Another son, Oriol, who stepped down from a party leadership position last year, is the target of an unrelated investigation into suspected influence-peddling. No charges have been filed, and the two Pujol sons have said they are innocent.
Independence opponents can scarcely restrain their glee. “To say that Catalonia is robbed of everything by the state is a fallacy that is beginning to be dismantled,” said María Dolores de Cosdepal, a Popular Party leader.
But analysts say there are limits to the damage Madrid can inflict on the independence movement, as well as risks that hammering on Mr. Pujol could backfire. While many attacks from Madrid have cast him as the personification of the independence movement, the reality is different, said Lluís Orriols, a political scientist at Carlos III University in Madrid.
“The [Catalan] political establishment was among the last to become pro-independence and only after public opinion pressured them,” he said. Mr. Pujol’s Convergence and Union coalition embraced independence only after a demonstration by more than a million people organized by citizens groups in 2012.
Moreover, while the scandal could be devastating to Convergence and Union, the party that stands to gain the most is the Republican Left of Catalonia, which is even more ardently secessionist.
Mr. Pujol burst to prominence in 1960 by organizing a protest against officials of the Franco government, which had repressed Catalan language and culture since the victory of Gen. Franco’s forces in the civil war. Mr. Pujol got two years in prison for that act of defiance and became a Catalan hero.
Spain returned to democracy following Franco’s death in 1975, and Mr. Pujol, who served as Catalonia’s elected president from 1980 to 2003, became a pillar of the new political order. The conservative Madrid newspaper ABC named him “Spaniard of the Year” in 1984. He was recognized as a master of pactismo, political-deal making with the central government that gradually earns more powers and resources for his region.
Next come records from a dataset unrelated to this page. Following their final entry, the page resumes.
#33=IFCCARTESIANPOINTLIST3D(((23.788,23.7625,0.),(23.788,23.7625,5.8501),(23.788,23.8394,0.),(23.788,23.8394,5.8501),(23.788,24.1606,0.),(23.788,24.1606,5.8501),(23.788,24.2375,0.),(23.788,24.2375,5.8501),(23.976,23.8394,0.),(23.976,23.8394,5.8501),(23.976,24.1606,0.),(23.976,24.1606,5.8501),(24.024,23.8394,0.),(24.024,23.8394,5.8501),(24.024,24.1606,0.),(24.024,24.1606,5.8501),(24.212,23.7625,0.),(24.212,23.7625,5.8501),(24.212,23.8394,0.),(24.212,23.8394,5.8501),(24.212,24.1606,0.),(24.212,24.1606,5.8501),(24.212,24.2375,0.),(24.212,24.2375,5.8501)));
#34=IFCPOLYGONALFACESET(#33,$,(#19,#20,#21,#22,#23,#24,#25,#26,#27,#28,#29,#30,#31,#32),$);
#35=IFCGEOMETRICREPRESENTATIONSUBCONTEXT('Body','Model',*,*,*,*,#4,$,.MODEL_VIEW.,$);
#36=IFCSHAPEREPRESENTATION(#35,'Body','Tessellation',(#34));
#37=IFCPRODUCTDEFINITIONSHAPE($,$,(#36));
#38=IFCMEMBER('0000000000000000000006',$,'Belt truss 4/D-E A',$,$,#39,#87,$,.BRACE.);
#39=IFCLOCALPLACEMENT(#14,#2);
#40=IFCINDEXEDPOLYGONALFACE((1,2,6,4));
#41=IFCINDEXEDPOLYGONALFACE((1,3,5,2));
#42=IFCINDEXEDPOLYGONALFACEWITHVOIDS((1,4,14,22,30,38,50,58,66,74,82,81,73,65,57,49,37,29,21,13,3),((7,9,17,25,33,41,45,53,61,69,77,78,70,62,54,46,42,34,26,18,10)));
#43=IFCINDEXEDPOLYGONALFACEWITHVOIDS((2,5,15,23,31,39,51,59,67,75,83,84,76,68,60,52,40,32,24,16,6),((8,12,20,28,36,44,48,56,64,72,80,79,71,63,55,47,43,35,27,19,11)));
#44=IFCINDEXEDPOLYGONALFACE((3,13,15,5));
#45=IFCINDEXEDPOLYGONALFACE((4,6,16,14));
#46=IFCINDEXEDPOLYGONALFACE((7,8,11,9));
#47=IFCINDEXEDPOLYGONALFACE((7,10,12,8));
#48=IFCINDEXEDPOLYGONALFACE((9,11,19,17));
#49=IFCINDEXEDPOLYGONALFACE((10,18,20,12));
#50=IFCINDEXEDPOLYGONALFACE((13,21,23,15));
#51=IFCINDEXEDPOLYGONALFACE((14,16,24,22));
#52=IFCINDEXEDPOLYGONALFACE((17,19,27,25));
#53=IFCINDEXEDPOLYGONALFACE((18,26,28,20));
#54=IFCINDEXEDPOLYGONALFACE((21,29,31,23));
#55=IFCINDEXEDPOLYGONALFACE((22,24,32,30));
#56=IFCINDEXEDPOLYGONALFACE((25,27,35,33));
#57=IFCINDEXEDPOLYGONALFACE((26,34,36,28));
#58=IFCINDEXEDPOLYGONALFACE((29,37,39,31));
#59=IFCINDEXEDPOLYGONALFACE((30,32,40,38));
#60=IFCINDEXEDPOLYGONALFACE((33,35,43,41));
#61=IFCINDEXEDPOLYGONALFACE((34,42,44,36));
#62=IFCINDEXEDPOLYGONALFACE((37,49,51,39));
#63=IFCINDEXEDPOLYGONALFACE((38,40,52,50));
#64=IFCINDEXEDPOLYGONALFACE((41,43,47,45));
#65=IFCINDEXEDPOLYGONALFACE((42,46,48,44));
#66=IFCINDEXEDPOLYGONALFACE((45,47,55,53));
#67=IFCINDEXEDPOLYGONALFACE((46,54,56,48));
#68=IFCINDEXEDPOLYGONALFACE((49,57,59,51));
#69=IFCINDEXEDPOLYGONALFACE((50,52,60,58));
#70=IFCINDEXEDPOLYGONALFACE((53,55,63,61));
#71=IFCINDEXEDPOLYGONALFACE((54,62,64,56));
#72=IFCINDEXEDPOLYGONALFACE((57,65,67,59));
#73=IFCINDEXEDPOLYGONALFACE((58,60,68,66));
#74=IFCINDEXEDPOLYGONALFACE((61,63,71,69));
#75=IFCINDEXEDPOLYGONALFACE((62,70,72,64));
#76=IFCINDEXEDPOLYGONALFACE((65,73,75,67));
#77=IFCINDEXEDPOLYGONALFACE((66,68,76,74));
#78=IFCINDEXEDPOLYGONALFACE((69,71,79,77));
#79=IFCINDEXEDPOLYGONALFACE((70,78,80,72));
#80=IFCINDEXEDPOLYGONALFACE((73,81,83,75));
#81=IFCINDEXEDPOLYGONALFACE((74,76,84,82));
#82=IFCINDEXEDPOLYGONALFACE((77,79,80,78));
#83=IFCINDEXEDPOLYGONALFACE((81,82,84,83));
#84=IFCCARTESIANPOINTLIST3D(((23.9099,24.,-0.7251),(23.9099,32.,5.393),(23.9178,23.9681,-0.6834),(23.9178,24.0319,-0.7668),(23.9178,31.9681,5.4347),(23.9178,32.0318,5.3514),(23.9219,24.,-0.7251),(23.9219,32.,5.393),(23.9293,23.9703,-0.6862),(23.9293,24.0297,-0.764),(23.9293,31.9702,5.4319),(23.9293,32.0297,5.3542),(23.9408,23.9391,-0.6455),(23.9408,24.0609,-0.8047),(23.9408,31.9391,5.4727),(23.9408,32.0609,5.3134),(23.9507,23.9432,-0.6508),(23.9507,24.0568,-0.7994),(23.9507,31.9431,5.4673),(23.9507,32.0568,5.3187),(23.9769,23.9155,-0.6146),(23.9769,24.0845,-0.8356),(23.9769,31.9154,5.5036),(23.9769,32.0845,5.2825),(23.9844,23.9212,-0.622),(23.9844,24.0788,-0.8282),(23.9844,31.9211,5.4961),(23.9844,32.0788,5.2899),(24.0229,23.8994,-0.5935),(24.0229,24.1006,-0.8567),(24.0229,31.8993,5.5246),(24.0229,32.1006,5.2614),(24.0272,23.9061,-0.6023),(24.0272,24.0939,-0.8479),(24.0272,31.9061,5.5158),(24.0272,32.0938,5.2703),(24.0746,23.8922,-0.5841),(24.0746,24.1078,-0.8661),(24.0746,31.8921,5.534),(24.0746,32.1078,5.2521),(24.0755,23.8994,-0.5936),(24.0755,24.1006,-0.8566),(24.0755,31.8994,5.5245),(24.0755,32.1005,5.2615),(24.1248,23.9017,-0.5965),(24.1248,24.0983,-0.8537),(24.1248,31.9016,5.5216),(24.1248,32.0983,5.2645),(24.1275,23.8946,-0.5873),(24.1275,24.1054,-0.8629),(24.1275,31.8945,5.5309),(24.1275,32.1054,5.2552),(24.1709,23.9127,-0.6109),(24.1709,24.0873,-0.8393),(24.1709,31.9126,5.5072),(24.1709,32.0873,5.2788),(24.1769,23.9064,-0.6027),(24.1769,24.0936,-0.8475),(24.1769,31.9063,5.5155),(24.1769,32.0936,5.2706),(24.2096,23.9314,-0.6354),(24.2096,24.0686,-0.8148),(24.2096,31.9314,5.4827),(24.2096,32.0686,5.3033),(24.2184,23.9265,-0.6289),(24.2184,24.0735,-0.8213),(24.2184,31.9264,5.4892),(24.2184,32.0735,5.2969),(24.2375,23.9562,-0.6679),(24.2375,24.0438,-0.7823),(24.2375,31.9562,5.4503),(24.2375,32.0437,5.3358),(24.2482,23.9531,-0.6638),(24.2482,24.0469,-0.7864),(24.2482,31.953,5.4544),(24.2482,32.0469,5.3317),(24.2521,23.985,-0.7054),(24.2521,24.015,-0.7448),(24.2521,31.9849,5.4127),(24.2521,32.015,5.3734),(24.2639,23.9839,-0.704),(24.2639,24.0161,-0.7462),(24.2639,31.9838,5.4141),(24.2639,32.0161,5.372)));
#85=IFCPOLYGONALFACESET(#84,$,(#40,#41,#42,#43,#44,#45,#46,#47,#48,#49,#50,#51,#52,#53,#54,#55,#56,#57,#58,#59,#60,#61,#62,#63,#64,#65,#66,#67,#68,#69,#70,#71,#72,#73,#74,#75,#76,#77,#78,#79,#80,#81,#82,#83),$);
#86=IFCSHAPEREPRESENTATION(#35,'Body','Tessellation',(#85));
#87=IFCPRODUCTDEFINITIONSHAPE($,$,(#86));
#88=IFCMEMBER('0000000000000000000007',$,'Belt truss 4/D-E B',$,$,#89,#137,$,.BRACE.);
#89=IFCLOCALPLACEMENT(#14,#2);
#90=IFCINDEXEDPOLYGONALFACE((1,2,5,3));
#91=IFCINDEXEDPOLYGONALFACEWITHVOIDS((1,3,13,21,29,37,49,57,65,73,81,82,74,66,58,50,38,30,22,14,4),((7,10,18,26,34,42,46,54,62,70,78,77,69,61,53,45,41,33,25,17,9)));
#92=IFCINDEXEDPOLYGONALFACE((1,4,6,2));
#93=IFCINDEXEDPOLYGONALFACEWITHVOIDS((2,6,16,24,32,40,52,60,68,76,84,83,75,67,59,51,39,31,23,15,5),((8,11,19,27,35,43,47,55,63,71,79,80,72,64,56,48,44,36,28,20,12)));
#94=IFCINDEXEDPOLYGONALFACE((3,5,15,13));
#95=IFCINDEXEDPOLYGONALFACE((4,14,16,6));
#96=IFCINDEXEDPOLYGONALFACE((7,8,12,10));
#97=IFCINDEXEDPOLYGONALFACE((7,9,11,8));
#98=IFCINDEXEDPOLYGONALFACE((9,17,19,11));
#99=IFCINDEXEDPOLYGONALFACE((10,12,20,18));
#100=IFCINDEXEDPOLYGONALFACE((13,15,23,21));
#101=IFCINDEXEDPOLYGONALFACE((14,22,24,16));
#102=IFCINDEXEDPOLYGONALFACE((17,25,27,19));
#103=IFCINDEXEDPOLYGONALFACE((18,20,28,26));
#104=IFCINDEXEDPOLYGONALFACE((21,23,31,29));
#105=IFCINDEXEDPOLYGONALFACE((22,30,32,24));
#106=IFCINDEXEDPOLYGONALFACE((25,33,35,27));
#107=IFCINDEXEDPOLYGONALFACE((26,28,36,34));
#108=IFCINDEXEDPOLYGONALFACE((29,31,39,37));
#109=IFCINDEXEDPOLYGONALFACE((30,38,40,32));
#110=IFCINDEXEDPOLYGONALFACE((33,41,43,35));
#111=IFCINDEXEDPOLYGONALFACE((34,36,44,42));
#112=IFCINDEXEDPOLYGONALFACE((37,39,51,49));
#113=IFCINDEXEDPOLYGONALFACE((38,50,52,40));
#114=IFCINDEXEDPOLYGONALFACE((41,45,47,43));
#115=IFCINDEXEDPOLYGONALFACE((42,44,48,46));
“We Catalans aren’t secessionists because we are convinced that [independence] isn’t a good solution,” Mr. Pujol said in 1995. “We try to obtain recognition of our national identity within the framework of the Spanish state and by that route we have made very significant progress.”
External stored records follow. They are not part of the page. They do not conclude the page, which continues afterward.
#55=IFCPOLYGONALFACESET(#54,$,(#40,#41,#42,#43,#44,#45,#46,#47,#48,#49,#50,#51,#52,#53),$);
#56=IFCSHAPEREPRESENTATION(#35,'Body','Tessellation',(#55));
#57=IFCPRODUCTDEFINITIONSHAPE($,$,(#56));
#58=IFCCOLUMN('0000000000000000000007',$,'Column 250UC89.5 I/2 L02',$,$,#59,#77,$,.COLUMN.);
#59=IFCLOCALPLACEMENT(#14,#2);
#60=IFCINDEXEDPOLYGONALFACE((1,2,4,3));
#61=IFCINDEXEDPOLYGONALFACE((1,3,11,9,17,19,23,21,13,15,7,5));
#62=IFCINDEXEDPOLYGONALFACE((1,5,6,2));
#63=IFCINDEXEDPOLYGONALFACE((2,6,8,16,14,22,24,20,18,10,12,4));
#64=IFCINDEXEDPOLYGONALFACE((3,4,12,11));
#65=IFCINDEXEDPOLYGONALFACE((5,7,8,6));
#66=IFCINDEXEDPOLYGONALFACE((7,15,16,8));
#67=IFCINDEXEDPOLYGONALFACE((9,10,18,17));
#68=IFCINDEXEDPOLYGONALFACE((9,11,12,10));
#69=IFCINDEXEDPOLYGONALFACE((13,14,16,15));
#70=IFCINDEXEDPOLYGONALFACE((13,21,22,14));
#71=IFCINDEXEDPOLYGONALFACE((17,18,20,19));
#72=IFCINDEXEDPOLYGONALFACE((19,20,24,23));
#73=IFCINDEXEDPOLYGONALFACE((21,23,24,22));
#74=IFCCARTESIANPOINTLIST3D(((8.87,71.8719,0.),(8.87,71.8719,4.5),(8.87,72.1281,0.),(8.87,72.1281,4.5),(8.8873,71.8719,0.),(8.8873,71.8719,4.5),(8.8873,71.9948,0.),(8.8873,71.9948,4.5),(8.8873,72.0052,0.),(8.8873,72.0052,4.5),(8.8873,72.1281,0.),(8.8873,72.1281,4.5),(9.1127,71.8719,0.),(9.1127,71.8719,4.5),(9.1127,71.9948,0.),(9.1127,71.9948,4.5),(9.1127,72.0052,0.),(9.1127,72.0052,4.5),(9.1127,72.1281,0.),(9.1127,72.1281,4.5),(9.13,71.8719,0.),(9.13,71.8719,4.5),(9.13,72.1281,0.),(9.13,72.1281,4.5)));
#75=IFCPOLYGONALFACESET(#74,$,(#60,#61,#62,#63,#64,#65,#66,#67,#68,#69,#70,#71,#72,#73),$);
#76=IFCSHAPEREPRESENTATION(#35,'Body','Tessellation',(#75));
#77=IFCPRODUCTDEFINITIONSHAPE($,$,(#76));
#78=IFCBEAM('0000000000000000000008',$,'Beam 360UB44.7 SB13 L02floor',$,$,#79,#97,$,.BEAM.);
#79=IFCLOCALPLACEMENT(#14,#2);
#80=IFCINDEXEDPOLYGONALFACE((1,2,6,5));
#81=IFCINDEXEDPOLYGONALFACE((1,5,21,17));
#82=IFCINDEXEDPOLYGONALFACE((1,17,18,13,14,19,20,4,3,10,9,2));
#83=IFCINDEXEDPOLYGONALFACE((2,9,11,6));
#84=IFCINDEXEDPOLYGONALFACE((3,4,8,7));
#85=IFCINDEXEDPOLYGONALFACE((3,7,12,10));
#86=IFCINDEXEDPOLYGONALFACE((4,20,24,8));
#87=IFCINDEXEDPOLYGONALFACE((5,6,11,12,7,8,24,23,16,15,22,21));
Catalonia consolidated control of its education system and police force, revived the Catalan language, and opened trade offices around the world.
Mr. Pujol came out in favor of independence only recently, after Spain’s Constitutional Court watered down a painstakingly negotiated revision of Catalonia’s governing statute, which outlines the region’s rights and responsibilities. “If there was an independence referendum now, I would vote for independence, something that I never ever would have imagined,” Mr. Pujol said in an interview in 2012.
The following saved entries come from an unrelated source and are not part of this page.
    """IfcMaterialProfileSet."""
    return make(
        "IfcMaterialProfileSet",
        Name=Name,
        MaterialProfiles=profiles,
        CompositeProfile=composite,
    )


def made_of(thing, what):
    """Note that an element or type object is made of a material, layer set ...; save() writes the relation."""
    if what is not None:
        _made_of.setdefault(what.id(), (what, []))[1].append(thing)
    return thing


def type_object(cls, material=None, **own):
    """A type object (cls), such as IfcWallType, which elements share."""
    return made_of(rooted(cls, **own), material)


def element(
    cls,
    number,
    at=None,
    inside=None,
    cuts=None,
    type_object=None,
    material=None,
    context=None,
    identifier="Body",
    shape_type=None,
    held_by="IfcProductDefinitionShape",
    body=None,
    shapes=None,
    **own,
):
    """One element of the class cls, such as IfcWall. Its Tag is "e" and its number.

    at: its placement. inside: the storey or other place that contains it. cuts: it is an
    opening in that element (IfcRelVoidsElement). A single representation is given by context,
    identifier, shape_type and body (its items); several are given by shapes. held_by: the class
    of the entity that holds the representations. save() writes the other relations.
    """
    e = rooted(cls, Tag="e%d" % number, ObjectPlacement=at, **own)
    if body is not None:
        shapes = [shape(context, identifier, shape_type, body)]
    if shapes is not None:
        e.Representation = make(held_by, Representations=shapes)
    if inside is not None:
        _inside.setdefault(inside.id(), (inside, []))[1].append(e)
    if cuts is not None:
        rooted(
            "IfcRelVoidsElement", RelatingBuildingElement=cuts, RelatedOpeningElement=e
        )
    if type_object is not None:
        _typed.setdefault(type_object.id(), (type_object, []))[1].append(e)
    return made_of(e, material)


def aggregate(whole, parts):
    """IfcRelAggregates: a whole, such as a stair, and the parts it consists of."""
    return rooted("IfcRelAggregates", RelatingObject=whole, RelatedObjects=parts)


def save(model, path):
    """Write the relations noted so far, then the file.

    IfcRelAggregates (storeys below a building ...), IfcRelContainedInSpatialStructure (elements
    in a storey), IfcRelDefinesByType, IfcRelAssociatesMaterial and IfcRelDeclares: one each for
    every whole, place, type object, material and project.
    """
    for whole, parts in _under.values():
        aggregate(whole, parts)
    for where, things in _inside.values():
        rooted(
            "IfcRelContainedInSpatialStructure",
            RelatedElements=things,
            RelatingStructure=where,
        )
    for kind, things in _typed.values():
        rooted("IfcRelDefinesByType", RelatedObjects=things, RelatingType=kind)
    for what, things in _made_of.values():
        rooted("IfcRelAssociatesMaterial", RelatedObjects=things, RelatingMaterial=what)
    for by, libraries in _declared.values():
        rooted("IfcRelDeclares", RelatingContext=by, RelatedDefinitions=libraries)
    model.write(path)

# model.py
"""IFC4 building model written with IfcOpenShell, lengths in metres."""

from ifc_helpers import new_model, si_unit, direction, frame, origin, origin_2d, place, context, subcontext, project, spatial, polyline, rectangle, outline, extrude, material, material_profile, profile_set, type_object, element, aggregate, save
Mr. Montoro questioned Mr. Pujol’s motives for embracing secession, suggesting the continuing tax investigation might have prompted him to turn against Spain. Mr. Pujol hasn’t responded to that accusation and his lawyer didn’t return requests for comment.
“We should be self-critical,” said Muriel Casals, the head of Omnium Cultural, a Catalan cultural group that is one of the organizers of Thursday’s demonstration. “Sometimes we Catalans think we’re like the Lutherans of Spain. And the Pujol case is like a slap on the face that says, ‘Look, you’re not so Lutheran.'”
But the case won’t stop the independence push, she said. “We are turning this on its head and saying that we are going to build a new country that is clean, so let all that isn’t clean come out now. We don’t want to sweep anything under the rug.”